Modern GPUs accelerate computations and data movements of multi-dimensional tensors in hardware. However, expressing optimized tensor computations in software is extremely challenging even for experts. Languages like CUDA C++ are centered around flat buffers in one-dimensional memory and lack reasonable abstractions for multi-dimensional data and threads. Existing tensor IRs are not expressive enough to represent the complex data-to-thread mappings required by the GPU tensor instructions.
In this paper, we introduce Graphene, an intermediate representation (IR) for optimized tensor computations on GPUs. Graphene is a low-level target language for tensor compilers and performance experts while being closer to the domain of tensor computations than languages offering the same level of control such as CUDA C++ and PTX. In Graphene, multi-dimensional data and threads are represented as first-class tensors. Graphene’s tensors are hierarchically decomposable into tiles allowing to represent optimized tensor computations as mappings between data and thread tiles.
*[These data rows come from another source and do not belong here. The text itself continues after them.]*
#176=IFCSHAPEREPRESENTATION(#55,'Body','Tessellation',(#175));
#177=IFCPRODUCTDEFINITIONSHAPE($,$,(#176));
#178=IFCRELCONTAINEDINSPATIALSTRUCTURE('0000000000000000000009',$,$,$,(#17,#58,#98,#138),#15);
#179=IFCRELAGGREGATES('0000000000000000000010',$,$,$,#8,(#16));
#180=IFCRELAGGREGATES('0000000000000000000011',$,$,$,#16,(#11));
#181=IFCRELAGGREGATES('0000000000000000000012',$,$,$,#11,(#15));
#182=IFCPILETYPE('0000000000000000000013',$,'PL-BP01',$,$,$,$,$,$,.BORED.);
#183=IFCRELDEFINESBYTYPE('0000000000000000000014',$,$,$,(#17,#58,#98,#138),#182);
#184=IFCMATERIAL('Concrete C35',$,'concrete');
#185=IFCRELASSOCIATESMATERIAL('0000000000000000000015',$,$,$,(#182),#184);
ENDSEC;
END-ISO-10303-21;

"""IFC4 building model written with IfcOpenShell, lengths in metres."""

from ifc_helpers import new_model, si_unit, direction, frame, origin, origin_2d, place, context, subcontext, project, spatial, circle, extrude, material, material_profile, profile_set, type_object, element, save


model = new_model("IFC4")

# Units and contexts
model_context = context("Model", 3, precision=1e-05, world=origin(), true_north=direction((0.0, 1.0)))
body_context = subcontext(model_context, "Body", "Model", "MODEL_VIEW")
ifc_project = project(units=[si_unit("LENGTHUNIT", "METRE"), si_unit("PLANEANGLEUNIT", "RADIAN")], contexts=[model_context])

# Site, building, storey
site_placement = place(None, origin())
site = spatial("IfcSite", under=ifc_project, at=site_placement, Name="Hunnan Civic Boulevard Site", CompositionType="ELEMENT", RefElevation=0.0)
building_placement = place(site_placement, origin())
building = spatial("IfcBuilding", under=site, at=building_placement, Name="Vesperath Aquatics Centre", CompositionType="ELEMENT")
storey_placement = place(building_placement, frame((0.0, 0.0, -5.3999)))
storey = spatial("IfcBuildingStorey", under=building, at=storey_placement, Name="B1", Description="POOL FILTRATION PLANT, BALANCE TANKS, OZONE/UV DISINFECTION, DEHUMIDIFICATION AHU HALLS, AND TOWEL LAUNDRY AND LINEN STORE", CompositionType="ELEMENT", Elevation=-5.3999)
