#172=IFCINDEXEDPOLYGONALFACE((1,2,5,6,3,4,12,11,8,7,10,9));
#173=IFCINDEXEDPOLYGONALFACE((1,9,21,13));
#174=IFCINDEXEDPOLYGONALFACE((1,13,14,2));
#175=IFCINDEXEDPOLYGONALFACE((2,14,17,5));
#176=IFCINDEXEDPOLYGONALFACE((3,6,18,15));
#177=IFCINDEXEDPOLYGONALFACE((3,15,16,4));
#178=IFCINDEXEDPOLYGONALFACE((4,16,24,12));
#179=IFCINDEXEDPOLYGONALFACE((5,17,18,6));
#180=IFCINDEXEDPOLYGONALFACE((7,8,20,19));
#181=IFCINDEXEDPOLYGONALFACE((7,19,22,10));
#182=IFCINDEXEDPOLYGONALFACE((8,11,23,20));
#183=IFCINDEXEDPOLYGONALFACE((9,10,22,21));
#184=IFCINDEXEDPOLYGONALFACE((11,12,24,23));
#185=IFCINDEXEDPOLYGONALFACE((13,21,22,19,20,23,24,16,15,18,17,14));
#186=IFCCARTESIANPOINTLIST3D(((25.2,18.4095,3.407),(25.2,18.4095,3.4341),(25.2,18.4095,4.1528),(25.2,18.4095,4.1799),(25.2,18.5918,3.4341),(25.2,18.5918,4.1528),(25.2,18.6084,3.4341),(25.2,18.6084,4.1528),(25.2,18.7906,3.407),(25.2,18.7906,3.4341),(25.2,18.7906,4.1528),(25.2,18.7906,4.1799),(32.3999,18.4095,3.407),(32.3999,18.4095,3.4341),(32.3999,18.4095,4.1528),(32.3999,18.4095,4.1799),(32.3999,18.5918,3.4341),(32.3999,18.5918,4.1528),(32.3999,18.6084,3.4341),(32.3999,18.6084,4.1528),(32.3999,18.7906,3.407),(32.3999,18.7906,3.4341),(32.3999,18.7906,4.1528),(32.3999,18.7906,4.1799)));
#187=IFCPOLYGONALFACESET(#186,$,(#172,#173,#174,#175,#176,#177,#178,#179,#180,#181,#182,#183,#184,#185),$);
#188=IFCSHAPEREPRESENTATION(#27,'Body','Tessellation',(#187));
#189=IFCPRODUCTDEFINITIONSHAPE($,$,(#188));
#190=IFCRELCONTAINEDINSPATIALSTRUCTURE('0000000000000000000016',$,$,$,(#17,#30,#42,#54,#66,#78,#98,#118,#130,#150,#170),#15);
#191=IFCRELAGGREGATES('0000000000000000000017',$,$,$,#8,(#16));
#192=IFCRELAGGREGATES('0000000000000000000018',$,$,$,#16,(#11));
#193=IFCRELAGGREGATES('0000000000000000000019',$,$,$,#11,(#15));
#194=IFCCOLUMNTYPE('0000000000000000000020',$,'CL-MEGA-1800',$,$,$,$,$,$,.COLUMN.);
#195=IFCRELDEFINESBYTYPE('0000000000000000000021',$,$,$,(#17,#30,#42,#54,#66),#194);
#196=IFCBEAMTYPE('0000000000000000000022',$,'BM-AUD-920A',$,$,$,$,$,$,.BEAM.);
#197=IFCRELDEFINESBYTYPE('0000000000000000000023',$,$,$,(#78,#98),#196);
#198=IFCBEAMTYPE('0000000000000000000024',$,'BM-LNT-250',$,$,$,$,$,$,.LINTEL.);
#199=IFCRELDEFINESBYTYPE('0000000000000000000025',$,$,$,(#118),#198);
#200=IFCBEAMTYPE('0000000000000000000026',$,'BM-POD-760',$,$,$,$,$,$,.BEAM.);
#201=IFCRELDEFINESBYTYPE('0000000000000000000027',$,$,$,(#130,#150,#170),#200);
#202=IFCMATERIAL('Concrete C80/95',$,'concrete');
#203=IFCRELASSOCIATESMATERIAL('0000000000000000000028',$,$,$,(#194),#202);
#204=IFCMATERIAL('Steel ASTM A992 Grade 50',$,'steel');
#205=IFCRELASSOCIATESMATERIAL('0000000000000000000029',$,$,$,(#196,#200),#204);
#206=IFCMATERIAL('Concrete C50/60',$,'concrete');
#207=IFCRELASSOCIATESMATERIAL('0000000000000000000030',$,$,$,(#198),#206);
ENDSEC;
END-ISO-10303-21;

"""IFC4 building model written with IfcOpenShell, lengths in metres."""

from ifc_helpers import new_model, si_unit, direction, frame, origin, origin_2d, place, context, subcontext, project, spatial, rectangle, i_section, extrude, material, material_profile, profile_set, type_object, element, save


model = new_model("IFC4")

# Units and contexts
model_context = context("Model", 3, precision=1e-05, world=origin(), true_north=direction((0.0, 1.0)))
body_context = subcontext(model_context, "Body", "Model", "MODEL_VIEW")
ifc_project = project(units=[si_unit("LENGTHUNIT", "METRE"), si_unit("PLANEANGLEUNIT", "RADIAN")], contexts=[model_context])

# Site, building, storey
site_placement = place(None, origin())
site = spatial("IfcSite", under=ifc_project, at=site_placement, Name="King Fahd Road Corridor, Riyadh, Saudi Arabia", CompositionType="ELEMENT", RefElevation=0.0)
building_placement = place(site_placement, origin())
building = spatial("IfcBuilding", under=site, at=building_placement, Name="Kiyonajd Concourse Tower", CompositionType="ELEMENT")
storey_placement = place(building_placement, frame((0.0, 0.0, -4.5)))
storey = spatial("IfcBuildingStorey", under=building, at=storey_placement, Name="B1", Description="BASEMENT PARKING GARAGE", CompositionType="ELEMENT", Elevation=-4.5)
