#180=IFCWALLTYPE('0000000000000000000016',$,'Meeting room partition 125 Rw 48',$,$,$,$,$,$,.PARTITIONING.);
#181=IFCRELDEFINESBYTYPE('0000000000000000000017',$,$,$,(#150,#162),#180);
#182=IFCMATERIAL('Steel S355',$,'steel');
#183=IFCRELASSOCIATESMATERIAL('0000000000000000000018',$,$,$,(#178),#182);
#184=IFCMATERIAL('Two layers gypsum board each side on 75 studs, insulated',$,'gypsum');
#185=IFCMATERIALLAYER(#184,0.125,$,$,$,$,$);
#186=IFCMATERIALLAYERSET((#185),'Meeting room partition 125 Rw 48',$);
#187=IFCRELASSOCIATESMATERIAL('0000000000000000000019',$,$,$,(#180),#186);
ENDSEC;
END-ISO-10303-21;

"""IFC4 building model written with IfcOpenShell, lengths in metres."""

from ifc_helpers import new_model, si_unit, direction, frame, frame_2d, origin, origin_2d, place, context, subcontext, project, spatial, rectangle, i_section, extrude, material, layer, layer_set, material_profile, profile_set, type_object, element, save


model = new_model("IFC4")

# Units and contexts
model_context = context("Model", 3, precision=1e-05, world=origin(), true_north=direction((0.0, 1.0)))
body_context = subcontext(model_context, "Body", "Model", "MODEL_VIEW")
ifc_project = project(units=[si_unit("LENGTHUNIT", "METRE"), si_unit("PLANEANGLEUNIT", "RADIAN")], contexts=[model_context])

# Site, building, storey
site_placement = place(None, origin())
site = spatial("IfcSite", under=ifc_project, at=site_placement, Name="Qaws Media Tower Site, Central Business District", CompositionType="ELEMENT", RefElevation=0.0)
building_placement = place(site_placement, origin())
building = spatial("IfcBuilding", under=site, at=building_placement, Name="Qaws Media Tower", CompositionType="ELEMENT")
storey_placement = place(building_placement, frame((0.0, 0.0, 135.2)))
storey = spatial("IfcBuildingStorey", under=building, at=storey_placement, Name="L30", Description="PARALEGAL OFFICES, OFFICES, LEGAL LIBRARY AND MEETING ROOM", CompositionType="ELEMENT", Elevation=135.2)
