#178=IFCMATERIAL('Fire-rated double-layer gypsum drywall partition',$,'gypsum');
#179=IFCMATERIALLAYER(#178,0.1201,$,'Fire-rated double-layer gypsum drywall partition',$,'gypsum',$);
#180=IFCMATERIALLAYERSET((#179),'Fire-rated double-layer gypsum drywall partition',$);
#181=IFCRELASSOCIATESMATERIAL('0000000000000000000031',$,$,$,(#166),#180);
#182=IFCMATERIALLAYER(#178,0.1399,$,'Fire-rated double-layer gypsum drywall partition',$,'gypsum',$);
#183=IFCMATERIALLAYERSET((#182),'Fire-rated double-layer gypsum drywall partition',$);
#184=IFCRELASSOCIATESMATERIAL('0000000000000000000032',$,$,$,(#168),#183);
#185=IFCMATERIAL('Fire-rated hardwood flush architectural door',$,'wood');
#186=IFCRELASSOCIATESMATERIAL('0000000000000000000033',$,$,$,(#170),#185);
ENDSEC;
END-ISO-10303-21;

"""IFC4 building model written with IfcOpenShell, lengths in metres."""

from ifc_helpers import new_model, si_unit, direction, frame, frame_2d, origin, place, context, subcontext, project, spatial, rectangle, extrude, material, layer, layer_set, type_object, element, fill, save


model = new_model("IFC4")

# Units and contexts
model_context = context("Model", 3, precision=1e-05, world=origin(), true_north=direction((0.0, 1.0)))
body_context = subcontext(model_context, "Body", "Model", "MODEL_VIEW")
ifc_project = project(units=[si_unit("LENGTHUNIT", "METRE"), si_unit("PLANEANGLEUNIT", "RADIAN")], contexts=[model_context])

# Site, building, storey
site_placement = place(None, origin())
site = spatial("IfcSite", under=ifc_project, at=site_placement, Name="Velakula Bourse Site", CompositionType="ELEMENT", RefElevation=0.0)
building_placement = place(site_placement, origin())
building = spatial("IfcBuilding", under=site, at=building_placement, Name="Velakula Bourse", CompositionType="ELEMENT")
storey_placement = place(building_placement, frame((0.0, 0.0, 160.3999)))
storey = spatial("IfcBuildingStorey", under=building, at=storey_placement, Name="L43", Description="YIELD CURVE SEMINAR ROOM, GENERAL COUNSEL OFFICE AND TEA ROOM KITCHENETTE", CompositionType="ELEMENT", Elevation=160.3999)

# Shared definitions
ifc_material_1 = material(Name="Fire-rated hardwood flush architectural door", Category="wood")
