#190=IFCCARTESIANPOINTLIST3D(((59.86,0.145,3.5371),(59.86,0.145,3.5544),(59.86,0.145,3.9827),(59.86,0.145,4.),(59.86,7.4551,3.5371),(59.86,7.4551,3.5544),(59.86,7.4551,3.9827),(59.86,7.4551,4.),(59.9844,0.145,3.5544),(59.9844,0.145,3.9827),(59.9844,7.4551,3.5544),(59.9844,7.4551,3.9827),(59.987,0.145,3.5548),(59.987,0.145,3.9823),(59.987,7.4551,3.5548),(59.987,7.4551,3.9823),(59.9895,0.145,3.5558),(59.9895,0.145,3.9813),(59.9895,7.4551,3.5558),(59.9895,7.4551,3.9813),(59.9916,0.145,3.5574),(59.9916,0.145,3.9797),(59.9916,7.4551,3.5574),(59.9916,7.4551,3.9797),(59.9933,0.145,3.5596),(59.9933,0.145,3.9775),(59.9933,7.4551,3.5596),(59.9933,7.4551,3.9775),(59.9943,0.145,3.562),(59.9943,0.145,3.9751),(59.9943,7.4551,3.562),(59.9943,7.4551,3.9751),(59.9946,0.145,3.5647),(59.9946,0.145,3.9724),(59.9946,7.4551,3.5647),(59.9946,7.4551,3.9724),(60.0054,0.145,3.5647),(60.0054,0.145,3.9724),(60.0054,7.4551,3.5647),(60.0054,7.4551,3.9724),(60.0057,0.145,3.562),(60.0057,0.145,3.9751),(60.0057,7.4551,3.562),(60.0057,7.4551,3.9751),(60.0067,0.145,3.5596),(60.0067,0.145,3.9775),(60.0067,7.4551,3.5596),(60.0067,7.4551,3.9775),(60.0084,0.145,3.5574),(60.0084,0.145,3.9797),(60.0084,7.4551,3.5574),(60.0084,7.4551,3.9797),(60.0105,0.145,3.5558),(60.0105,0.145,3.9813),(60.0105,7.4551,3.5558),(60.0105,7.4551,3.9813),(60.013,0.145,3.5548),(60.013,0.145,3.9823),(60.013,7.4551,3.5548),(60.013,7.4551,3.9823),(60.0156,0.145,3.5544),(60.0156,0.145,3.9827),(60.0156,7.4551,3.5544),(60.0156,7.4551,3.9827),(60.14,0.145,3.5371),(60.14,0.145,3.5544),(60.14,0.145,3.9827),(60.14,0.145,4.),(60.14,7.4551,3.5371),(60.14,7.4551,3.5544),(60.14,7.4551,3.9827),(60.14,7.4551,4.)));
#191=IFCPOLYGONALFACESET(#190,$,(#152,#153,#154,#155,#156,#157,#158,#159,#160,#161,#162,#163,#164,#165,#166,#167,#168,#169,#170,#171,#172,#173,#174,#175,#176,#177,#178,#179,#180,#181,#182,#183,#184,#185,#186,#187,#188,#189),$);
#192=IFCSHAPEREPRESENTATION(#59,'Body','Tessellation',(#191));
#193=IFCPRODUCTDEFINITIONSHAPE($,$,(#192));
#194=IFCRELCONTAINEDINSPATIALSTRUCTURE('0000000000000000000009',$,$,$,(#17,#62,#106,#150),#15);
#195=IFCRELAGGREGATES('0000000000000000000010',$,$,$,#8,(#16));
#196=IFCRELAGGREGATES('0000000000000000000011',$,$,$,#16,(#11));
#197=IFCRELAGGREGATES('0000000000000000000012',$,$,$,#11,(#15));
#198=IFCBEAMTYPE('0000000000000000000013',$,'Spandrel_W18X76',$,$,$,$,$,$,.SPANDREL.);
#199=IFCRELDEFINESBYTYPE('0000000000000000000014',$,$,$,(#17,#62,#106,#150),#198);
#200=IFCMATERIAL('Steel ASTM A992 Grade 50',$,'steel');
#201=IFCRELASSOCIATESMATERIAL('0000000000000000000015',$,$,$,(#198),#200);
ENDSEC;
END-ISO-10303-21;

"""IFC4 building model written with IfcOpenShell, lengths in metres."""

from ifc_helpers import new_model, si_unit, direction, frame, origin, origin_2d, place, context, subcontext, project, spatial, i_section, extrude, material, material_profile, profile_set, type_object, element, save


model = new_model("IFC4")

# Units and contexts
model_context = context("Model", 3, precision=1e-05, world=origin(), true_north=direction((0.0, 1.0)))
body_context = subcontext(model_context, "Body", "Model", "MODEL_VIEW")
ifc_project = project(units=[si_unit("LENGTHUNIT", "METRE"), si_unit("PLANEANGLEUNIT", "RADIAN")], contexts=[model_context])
We evaluate Graphene using some of the most important tensor computations in deep learning today, including GEMM, Multi-Layer Perceptron (MLP), Layernorm, LSTM, and Fused Multi-Head Attention (FMHA). We show that Graphene is capable of expressing all optimizations required to achieve the same practical peak performance as existing library implementations. Fused kernels beyond library routines expressed in Graphene significantly improve the end-to-end inference performance of Transformer networks and match or outperform the performance of cuBLAS(Lt), cuDNN, and custom handwritten kernels.